A priori sample size calculations were based on the primary bone outcomes and are reported in detail elsewhere.19 An additional a priori sample size calculation was conducted based on the limited research to date in relevant population groups34 for the RAVLT cognitive test (sum of trials 1–5; verbal learning) using the following observations: (1) mean (SD) scores were reported to decrease 0.98 (5.04) points following 6 months of ADT,34 35 and (2) mean (SD) scores were shown to increase 4.93 (7.81) points following 6 months of resistance training in older adults (without PCa) with probable mild cognitive impairment.35 Given the lack of previous data related to long-term age-related and exercise-related changes in cognition in men with PCa treated with ADT, we conservatively used these within group changes to estimate our between-group effect size after 12 months follow-up. Based on these findings, we estimated (two-sample t-test) that 42 men with PCa treated with ADT (21 per group) would provide 80% power (p<0.05, two-tailed) to detect a net difference of 5.9 points (assuming a SD of 5.5) in RALVT (sum of trials 1–5; verbal learning) from baseline to 12-month follow-up.

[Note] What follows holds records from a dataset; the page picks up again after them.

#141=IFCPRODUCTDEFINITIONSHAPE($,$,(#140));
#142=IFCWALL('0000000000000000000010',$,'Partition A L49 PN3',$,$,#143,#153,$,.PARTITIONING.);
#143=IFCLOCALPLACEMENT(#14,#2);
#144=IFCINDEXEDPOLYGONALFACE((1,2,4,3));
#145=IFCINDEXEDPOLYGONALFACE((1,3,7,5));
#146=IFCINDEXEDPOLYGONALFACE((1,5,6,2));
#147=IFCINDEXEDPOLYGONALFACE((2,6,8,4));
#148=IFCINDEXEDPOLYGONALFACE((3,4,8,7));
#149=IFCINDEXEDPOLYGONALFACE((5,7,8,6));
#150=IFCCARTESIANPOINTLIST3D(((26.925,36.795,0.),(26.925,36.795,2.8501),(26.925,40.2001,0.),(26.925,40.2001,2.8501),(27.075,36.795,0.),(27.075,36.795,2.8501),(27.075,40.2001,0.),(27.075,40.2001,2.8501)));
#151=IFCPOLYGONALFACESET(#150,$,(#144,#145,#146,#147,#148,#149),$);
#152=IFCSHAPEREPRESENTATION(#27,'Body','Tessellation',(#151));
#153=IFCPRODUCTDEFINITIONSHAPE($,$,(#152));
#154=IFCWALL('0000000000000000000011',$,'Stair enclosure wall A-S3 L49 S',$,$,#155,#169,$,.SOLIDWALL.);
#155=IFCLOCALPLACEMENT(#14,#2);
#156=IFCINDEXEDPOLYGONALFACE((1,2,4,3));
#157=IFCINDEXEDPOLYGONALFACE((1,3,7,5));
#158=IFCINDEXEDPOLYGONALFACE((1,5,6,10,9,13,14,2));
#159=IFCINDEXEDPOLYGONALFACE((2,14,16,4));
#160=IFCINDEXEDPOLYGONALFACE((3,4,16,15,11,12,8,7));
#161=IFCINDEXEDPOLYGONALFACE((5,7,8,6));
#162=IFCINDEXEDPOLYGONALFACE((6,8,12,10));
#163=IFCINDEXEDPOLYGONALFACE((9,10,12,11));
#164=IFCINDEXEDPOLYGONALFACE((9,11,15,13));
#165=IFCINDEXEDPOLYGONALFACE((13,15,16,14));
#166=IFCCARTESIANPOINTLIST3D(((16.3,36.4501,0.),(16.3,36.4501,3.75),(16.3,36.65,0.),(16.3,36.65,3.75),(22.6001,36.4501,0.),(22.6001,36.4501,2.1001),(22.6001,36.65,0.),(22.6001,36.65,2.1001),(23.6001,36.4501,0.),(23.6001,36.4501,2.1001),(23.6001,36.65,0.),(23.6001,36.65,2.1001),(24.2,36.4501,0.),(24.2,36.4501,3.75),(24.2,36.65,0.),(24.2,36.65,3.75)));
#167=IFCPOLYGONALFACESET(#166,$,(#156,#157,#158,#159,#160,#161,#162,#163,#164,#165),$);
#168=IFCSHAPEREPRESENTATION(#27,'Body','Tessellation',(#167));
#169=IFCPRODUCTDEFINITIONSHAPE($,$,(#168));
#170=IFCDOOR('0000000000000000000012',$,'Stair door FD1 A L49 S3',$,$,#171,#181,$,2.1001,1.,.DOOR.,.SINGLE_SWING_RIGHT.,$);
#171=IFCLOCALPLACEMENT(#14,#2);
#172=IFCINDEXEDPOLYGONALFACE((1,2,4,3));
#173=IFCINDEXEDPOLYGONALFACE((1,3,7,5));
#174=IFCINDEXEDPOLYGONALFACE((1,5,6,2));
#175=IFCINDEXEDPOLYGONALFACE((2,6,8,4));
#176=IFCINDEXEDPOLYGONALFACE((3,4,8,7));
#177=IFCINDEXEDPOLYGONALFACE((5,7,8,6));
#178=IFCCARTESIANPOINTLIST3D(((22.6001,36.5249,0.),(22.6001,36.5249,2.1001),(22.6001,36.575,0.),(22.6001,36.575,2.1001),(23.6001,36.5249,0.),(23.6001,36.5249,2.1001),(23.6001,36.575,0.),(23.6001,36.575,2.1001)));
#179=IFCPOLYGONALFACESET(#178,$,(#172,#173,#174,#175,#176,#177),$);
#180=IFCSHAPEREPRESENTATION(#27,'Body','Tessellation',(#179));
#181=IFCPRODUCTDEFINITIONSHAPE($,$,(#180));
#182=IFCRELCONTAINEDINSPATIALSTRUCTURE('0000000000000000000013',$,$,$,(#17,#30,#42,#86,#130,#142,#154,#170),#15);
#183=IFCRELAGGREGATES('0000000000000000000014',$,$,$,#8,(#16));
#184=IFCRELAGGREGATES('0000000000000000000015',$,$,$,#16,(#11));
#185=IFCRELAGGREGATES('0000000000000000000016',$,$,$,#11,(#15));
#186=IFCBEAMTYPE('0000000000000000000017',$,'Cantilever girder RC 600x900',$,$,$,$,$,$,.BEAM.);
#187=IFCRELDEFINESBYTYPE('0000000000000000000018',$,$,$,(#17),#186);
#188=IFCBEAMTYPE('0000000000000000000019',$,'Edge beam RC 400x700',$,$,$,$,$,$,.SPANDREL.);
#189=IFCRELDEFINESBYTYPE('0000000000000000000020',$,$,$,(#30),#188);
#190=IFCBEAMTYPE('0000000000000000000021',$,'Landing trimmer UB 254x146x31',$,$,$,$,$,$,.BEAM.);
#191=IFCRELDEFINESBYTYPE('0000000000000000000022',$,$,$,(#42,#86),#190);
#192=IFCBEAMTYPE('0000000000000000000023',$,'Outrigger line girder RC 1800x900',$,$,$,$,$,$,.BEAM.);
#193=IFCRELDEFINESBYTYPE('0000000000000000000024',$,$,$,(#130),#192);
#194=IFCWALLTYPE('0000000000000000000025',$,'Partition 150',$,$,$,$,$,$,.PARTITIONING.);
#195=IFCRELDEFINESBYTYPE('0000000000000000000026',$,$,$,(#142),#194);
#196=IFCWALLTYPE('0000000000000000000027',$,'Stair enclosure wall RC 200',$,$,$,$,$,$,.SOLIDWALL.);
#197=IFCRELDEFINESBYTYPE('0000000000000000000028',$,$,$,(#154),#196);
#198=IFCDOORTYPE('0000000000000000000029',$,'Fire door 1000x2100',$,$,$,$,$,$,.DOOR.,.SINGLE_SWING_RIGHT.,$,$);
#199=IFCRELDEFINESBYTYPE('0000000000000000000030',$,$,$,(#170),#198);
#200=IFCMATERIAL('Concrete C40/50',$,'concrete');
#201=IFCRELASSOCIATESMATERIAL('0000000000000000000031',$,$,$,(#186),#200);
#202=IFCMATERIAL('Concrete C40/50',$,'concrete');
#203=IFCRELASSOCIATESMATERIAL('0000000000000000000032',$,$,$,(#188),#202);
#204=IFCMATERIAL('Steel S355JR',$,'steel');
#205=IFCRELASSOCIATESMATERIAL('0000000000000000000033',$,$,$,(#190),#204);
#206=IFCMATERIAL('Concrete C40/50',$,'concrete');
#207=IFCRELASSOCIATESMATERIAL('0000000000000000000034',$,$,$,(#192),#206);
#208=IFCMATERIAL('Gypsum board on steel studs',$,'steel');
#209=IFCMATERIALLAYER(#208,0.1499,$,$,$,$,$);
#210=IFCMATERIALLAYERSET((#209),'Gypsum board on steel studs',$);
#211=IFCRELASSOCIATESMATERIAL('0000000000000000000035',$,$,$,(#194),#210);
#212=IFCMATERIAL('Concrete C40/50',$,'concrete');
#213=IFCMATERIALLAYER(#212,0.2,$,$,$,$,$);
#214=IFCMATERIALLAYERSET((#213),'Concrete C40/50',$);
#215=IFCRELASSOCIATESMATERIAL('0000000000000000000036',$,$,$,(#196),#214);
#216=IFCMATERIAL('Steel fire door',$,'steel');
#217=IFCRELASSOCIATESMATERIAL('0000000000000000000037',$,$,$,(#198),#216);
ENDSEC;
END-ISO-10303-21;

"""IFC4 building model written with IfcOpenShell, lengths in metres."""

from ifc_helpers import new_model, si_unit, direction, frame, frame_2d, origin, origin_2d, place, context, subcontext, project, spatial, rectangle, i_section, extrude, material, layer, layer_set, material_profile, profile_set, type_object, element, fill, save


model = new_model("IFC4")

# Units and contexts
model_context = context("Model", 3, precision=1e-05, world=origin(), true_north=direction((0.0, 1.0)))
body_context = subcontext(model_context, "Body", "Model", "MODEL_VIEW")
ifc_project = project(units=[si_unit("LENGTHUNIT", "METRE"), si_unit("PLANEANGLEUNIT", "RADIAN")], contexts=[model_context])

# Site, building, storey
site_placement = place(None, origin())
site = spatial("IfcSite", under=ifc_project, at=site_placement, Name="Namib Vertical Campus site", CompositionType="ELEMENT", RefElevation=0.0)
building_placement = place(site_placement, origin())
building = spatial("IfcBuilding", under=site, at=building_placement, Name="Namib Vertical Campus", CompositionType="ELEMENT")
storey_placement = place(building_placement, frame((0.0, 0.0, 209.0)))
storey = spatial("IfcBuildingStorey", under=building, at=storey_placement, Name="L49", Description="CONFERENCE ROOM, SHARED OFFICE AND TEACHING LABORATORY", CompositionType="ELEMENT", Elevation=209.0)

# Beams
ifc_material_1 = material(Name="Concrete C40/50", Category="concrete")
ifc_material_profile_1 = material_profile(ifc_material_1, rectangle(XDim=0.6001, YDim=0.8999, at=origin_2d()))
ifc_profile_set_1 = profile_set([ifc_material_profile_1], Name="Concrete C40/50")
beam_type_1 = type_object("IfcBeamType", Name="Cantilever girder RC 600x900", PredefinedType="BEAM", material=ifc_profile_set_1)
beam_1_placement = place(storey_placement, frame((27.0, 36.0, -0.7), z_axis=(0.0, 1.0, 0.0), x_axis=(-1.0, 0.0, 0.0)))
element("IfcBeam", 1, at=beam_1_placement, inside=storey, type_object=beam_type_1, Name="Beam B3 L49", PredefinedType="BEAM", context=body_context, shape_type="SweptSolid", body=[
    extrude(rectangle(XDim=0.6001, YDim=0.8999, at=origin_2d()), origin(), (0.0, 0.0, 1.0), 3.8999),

All analyses were conducted using Stata statistical software V.16 (College Station, Texas, USA). The primary analyses were conducted with an intention-to-treat approach. A per-protocol analysis was also employed including participants with ≥66% exercise-training and ≥80% nutritional supplement adherence. Normality of distribution was assessed using Q–Q plots of residuals from unadjusted models (online supplemental figure S1). Linear mixed models with random effects (participants) were used to evaluate within-group and between-group changes by time and group-by-time interactions (fixed effects) via the following models: (1) unadjusted; (2) adjusted for age, BMI, depressive symptoms (DASS), ADT duration, habitual physical activity, level of education and presence of cardiometabolic comorbidities (yes/no; hypertension (systolic ≥130 or diastolic ≥80), dyslipidaemia (cholesterol ≥5.5 mmol/L, low-density lipoprotein-cholesterol ≥3.5 mmol/L, high-density lipoprotein-cholesterol <1.0 mmol/L, triglycerides ≥2.0 mmol/L or taking lipid-modifying medication)), self-reported diagnosis of type 2 diabetes, cardiovascular disease or if taking cardiometabolic medication); and (3) model 2 plus changes in body mass. Sensitivity analyses were employed for treatment-based, disease-based and dietary-based factors. No data imputations were made as linear mixed models utilised the maximum likelihood estimation. Changes in proportions of dichotomised cardiometabolic comorbidities (hypertension, dyslipidaemia, type 2 diabetes, cardiovascular disease, cardiometabolic medication) variables by time were examined via McNemar test. Differences in proportions of dichotomised cardiometabolic comorbidities by group were examined via χ² test. An alpha-level of 0.05 was adopted for all statistical tests.